The short passage we have heard this evening from the Gospel of St Mark perhaps gives us a way into thinking about Lent that neither bestows a sickly glamour on pain, nor suggests that might is right and frailty somehow despicable.

Although Jesus is here in the desert, in solitude, he is not, in fact, alone. He is not alone, because he has taken us there with him. The temptation of Jesus occurs immediately after his baptism in the Jordan. And he undergoes that baptism not for his own sake, but for ours. It is in solidarity with the crowd seeking the way home to God who throng the riverbank that Jesus goes down into the waters, and the voice that speaks from the cloud as he emerges, identifying him as the Beloved of the Father ratifies that solidarity, that unity. We too can hear the voice of the Father claiming us as his beloved children precisely because the Son has come into the world, not merely to teach us, nor merely to observe or sympathise with us as one other than us, but to identify with us, to become one of us, to unite us to himself through baptism, as members of this body, sharing his very life, breathing with his breath. There is a sense then in which the sufferings of Christ, beginning with his temptations, are our sufferings, and ours his. For that very reason, it is fitting that St Mark does not tell us in what the trial awaiting Jesus in the wilderness consists. There is nothing here, in the oldest account we have, so the scripture scholars tell us, about turning stones into bread, nothing about the parapet of the temple, nothing about the adulation of the world. All those details, familiar from the other gospels, are missing. We are not told at all how it was the devil tested the Lord, simply that it was so. He was in the wilderness 40 days, tempted by Satan.

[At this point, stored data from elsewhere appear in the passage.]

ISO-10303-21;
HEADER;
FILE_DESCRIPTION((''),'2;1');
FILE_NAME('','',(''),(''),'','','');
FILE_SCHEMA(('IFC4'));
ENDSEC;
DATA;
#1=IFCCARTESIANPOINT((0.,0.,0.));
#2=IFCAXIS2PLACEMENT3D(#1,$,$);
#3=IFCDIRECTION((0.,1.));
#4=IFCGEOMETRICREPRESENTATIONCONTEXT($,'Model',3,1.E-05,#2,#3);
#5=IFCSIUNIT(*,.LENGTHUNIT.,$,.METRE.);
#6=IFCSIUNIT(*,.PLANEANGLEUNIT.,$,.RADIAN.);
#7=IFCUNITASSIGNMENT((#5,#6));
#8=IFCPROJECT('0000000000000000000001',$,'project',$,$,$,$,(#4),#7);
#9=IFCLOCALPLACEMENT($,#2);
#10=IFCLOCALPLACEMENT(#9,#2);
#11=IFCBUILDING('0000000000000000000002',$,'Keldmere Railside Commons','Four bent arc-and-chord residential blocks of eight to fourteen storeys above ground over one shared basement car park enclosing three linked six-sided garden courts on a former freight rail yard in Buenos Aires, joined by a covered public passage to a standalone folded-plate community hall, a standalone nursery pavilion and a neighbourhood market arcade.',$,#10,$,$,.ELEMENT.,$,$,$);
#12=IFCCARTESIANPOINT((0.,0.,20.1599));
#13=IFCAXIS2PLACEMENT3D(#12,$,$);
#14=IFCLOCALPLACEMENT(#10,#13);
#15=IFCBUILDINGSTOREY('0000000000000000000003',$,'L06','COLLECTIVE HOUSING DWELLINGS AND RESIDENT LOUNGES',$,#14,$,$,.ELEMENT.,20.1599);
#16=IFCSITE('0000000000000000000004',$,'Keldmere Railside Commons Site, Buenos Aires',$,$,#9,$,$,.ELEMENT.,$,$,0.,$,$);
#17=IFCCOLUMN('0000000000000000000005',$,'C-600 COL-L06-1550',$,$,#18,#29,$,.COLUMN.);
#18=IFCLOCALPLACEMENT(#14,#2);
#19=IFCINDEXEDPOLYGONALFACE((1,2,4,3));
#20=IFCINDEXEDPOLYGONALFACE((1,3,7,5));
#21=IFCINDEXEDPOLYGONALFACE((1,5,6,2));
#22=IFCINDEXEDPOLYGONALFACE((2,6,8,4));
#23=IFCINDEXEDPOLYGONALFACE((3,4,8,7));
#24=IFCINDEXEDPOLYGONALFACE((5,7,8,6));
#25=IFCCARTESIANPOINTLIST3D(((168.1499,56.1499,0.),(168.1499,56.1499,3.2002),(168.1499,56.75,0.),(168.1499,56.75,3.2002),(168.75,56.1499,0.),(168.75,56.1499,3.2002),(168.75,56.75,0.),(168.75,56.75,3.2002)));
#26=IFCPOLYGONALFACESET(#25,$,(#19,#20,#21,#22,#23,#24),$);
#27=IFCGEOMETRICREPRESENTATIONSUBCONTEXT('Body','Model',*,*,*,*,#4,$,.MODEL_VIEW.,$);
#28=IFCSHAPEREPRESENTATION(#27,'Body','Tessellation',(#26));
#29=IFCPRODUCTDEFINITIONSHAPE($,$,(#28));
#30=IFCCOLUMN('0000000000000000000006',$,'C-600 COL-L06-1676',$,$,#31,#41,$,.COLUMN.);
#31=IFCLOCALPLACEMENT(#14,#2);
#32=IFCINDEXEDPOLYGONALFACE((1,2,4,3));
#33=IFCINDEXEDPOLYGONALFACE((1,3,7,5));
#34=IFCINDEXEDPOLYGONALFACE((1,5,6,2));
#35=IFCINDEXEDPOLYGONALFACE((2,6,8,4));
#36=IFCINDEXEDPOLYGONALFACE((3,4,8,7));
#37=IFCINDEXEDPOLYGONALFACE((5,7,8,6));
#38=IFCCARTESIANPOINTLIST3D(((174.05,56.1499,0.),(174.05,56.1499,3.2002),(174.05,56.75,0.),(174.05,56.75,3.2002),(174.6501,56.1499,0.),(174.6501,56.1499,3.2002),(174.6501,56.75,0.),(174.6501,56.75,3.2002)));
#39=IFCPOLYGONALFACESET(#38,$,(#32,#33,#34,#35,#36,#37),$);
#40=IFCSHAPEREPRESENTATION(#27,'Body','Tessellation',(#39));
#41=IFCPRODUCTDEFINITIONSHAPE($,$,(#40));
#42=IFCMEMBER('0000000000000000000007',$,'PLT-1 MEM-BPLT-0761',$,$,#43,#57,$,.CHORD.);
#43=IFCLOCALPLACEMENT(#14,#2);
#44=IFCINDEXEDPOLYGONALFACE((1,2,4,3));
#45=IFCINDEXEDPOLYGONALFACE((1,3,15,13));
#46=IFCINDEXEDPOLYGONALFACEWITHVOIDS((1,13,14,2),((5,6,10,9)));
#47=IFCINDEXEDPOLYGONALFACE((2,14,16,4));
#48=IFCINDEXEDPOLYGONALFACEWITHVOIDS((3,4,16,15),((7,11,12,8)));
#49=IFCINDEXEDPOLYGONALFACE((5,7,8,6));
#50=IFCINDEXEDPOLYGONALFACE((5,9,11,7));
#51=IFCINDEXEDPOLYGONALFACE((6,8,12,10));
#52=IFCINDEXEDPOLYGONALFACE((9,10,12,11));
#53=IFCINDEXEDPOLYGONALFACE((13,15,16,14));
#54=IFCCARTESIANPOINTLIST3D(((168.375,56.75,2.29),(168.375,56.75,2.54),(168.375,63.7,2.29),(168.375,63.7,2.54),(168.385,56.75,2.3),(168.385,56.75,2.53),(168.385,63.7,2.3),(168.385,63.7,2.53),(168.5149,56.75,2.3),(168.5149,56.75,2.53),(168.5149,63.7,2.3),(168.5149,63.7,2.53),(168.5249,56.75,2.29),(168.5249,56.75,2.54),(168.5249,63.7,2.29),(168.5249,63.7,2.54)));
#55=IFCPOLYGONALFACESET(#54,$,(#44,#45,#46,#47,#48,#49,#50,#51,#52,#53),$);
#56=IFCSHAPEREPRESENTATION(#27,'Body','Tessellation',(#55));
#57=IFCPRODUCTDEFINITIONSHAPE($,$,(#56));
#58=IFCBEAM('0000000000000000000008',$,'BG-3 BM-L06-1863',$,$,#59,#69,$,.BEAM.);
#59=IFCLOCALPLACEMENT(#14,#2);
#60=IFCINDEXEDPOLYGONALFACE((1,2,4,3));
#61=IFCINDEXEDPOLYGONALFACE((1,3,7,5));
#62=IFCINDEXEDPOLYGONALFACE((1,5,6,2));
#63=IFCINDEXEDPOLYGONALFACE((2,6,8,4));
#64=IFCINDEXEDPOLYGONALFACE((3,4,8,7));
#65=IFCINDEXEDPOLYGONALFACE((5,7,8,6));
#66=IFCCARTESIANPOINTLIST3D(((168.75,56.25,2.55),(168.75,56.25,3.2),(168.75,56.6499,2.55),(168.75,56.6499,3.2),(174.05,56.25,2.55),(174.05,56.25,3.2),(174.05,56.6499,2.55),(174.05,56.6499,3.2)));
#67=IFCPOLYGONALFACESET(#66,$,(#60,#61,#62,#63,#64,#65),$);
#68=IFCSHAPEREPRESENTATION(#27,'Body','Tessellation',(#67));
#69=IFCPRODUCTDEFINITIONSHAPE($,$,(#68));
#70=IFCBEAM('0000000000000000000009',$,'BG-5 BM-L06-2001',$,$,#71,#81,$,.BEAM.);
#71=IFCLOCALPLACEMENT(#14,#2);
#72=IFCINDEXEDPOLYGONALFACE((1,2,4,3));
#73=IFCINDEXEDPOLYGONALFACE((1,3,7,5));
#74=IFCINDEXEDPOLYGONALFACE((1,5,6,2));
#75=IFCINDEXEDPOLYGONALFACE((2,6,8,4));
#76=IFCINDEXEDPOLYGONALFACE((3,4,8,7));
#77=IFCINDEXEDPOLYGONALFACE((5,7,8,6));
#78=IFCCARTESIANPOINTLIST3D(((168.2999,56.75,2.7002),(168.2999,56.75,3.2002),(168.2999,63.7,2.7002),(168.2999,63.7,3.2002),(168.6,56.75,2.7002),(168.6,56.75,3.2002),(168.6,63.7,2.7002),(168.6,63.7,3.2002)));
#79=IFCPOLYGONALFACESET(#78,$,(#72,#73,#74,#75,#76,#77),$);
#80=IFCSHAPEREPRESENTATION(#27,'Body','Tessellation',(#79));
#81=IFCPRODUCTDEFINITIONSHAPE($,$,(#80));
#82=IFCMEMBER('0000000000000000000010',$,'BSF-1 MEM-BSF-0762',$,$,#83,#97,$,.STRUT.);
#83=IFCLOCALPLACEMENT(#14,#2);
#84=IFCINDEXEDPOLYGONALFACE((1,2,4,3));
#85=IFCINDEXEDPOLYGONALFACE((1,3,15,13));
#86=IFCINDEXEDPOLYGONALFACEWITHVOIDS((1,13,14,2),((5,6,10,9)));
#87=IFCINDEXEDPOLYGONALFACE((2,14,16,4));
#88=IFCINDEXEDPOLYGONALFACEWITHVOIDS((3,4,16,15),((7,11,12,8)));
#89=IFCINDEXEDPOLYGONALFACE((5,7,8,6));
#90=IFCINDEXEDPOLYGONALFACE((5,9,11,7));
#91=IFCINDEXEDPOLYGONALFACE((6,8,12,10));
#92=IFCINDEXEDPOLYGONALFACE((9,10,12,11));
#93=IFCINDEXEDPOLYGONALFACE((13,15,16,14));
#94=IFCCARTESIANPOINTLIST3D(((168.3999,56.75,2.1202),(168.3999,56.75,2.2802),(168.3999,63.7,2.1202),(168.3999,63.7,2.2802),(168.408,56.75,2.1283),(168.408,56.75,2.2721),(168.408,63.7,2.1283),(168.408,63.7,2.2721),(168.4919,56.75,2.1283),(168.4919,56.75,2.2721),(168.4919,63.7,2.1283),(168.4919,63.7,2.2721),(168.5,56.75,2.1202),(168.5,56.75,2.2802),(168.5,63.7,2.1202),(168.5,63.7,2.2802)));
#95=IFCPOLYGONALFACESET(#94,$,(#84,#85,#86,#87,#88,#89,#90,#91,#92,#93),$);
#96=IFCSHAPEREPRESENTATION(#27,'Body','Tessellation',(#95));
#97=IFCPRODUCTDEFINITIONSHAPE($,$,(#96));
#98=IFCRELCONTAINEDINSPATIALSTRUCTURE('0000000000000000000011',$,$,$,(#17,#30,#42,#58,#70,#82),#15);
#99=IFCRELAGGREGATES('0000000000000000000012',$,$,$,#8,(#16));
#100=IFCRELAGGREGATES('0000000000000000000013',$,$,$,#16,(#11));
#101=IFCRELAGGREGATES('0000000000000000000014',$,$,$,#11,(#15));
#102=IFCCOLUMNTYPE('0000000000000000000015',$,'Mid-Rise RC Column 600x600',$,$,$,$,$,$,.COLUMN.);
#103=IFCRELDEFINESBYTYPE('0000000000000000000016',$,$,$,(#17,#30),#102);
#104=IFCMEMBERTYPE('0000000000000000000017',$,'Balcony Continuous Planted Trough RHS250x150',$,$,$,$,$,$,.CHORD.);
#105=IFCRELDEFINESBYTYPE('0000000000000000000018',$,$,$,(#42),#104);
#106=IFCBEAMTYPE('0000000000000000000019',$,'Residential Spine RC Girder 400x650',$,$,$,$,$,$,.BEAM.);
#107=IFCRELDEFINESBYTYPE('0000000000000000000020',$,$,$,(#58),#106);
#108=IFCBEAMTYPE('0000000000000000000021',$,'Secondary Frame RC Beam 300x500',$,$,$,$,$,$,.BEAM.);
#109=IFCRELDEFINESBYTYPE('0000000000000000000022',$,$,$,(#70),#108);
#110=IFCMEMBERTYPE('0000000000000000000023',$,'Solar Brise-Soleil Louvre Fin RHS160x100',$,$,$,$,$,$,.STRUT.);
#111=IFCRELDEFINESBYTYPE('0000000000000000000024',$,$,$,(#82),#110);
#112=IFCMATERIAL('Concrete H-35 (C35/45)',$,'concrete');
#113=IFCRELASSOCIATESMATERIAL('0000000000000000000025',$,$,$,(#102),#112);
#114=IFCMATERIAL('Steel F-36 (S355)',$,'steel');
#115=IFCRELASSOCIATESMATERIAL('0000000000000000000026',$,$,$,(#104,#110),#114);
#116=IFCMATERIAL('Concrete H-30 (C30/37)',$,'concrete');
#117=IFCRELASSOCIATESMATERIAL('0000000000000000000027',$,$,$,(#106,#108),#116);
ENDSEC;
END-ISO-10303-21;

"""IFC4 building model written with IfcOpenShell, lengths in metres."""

from ifc_helpers import new_model, si_unit, direction, frame, origin, origin_2d, place, context, subcontext, project, spatial, rectangle, hollow_rectangle, extrude, material, material_profile, profile_set, type_object, element, save


model = new_model("IFC4")

# Units and contexts
model_context = context("Model", 3, precision=1e-05, world=origin(), true_north=direction((0.0, 1.0)))
body_context = subcontext(model_context, "Body", "Model", "MODEL_VIEW")
ifc_project = project(units=[si_unit("LENGTHUNIT", "METRE"), si_unit("PLANEANGLEUNIT", "RADIAN")], contexts=[model_context])

# Site, building, storey
site_placement = place(None, origin())
site = spatial("IfcSite", under=ifc_project, at=site_placement, Name="Keldmere Railside Commons Site, Buenos Aires", CompositionType="ELEMENT", RefElevation=0.0)
building_placement = place(site_placement, origin())
building = spatial("IfcBuilding", under=site, at=building_placement, Name="Keldmere Railside Commons", Description="Four bent arc-and-chord residential blocks of eight to fourteen storeys above ground over one shared basement car park enclosing three linked six-sided garden courts on a former freight rail yard in Buenos Aires, joined by a covered public passage to a standalone folded-plate community hall, a standalone nursery pavilion and a neighbourhood market arcade.", CompositionType="ELEMENT")
storey_placement = place(building_placement, frame((0.0, 0.0, 20.1599)))
storey = spatial("IfcBuildingStorey", under=building, at=storey_placement, Name="L06", Description="COLLECTIVE HOUSING DWELLINGS AND RESIDENT LOUNGES", CompositionType="ELEMENT", Elevation=20.1599)

# Columns
ifc_material_1 = material(Name="Concrete H-35 (C35/45)", Category="concrete")
ifc_material_profile_1 = material_profile(ifc_material_1, rectangle(XDim=0.6001, YDim=0.6001, at=origin_2d()), Name="RC-600x600")
ifc_profile_set_1 = profile_set([ifc_material_profile_1], Name="Concrete H-35 (C35/45)")
column_type = type_object("IfcColumnType", Name="Mid-Rise RC Column 600x600", PredefinedType="COLUMN", material=ifc_profile_set_1)
for number, where, z_axis, x_axis, name in (
    (1, (168.45, 56.45, 0.0), (0.0, 0.0, 1.0), (1.0, 0.0, 0.0), "C-600 COL-L06-1550"),
    (2, (174.3501, 56.45, 0.0), (0.0, 0.0, 1.0), (1.0, 0.0, 0.0), "C-600 COL-L06-1676"),
):
    element("IfcColumn", number, at=place(storey_placement, frame(where, z_axis=z_axis, x_axis=x_axis)), inside=storey, type_object=column_type, Name=name, PredefinedType="COLUMN", context=body_context, shape_type="SweptSolid", body=[
        extrude(rectangle(XDim=0.6001, YDim=0.6001, at=origin_2d()), origin(), (0.0, 0.0, 1.0), 3.2002),
    ])

# Member
ifc_material_2 = material(Name="Steel F-36 (S355)", Category="steel")
ifc_material_profile_2 = material_profile(ifc_material_2, hollow_rectangle(XDim=0.1499, YDim=0.25, WallThickness=0.01, at=origin_2d()), Name="RHS-250x150x10")
ifc_profile_set_2 = profile_set([ifc_material_profile_2], Name="Steel F-36 (S355)")
member_type_1 = type_object("IfcMemberType", Name="Balcony Continuous Planted Trough RHS250x150", PredefinedType="CHORD", material=ifc_profile_set_2)
member_1_placement = place(storey_placement, frame((168.45, 56.75, 2.415), z_axis=(0.0, 1.0, 0.0), x_axis=(-1.0, 0.0, 0.0)))
element("IfcMember", 3, at=member_1_placement, inside=storey, type_object=member_type_1, Name="PLT-1 MEM-BPLT-0761", PredefinedType="CHORD", context=body_context, shape_type="SweptSolid", body=[
    extrude(hollow_rectangle(XDim=0.1499, YDim=0.25, WallThickness=0.01, at=origin_2d()), origin(), (0.0, 0.0, 1.0), 6.95),
])

# Beams
ifc_material_3 = material(Name="Concrete H-30 (C30/37)", Category="concrete")
ifc_material_profile_3 = material_profile(ifc_material_3, rectangle(XDim=0.3999, YDim=0.6499, at=origin_2d()), Name="RC-400x650")
ifc_profile_set_3 = profile_set([ifc_material_profile_3], Name="Concrete H-30 (C30/37)")
beam_type_1 = type_object("IfcBeamType", Name="Residential Spine RC Girder 400x650", PredefinedType="BEAM", material=ifc_profile_set_3)
beam_1_placement = place(storey_placement, frame((168.75, 56.45, 2.875), z_axis=(1.0, 0.0, 0.0), x_axis=(0.0, 1.0, 0.0)))
element("IfcBeam", 4, at=beam_1_placement, inside=storey, type_object=beam_type_1, Name="BG-3 BM-L06-1863", PredefinedType="BEAM", context=body_context, shape_type="SweptSolid", body=[
    extrude(rectangle(XDim=0.3999, YDim=0.6499, at=origin_2d()), origin(), (0.0, 0.0, 1.0), 5.3),
])
ifc_material_profile_4 = material_profile(ifc_material_3, rectangle(XDim=0.3, YDim=0.5, at=origin_2d()), Name="RC-300x500")
ifc_profile_set_4 = profile_set([ifc_material_profile_4], Name="Concrete H-30 (C30/37)")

St Mark’s eloquent vagueness here is important – and comforting – because it suggests that there is no trial that we might be called upon to undergo that is alien to Jesus, nothing that cannot be taken up into his great and saving struggle. It is not merely that we can seek in Jesus a role model to follow in the times of pain and misery and testing that may come our way. Rather, he undergoes all these things in us, strengthening us from within to bear them, but to bear them as he bears pain, not in unflinching stony-heartedness, but in passionate vulnerable love for all our fellow sufferers. It is for this reason alone, and only in this sense, that we can dare to say that we are glad with him to suffer pain. Not, in other words, glad to suffer: that would be a deeply odd and unhealthy way to try to be disciples of the one who comes to heal our infirmities and lead us to abundant life – but glad and grateful that we do not suffer alone. Glad, too, that because we are united with Christ, our sufferings are one with the Passion that saved the world. They have a meaning, and therefore we have a dignity, that we could never have dreamed.

And a final thought. The place where Jesus takes us, year on year, at the beginning of Lent, the desert into which the Spirit drives us with Jesus, is both the haunt of the wild beasts, and the abode of angels. What does this tell us about how most fruitfully to keep Lent?

For most of us, I guess, this year as every year, a prominent part of our Lenten project will be giving up: renouncing something in which we normally take perfectly legitimate pleasure: booze, chocolate, Facebook, whatever.

It would be a gross exaggeration, and an insult to those in our world who experience real poverty and deprivation, not voluntarily for a few short weeks but of necessity throughout their lives, to refer to these token self-imposed penances as a source of suffering. But the point of such Lenten discipline of course is to clear away something of the habitual clutter of our lives, to empty out the space we routinely fill with God’s good gifts, and thus make room for God himself. And a side effect of this spiritual spring-cleaning is that we meet, not only God, but ourselves in the wilderness of Lent. And this can cause us real pain, real suffering. With our day to day distractions removed, our escape routes from ourselves sealed off, we are brought face to face with our weakness, for sure, but also with the chaos, even the violence, of our inner landscape, where anger, jealousy, fears, obsessions can tear at our peace of mind like savage predatory animals.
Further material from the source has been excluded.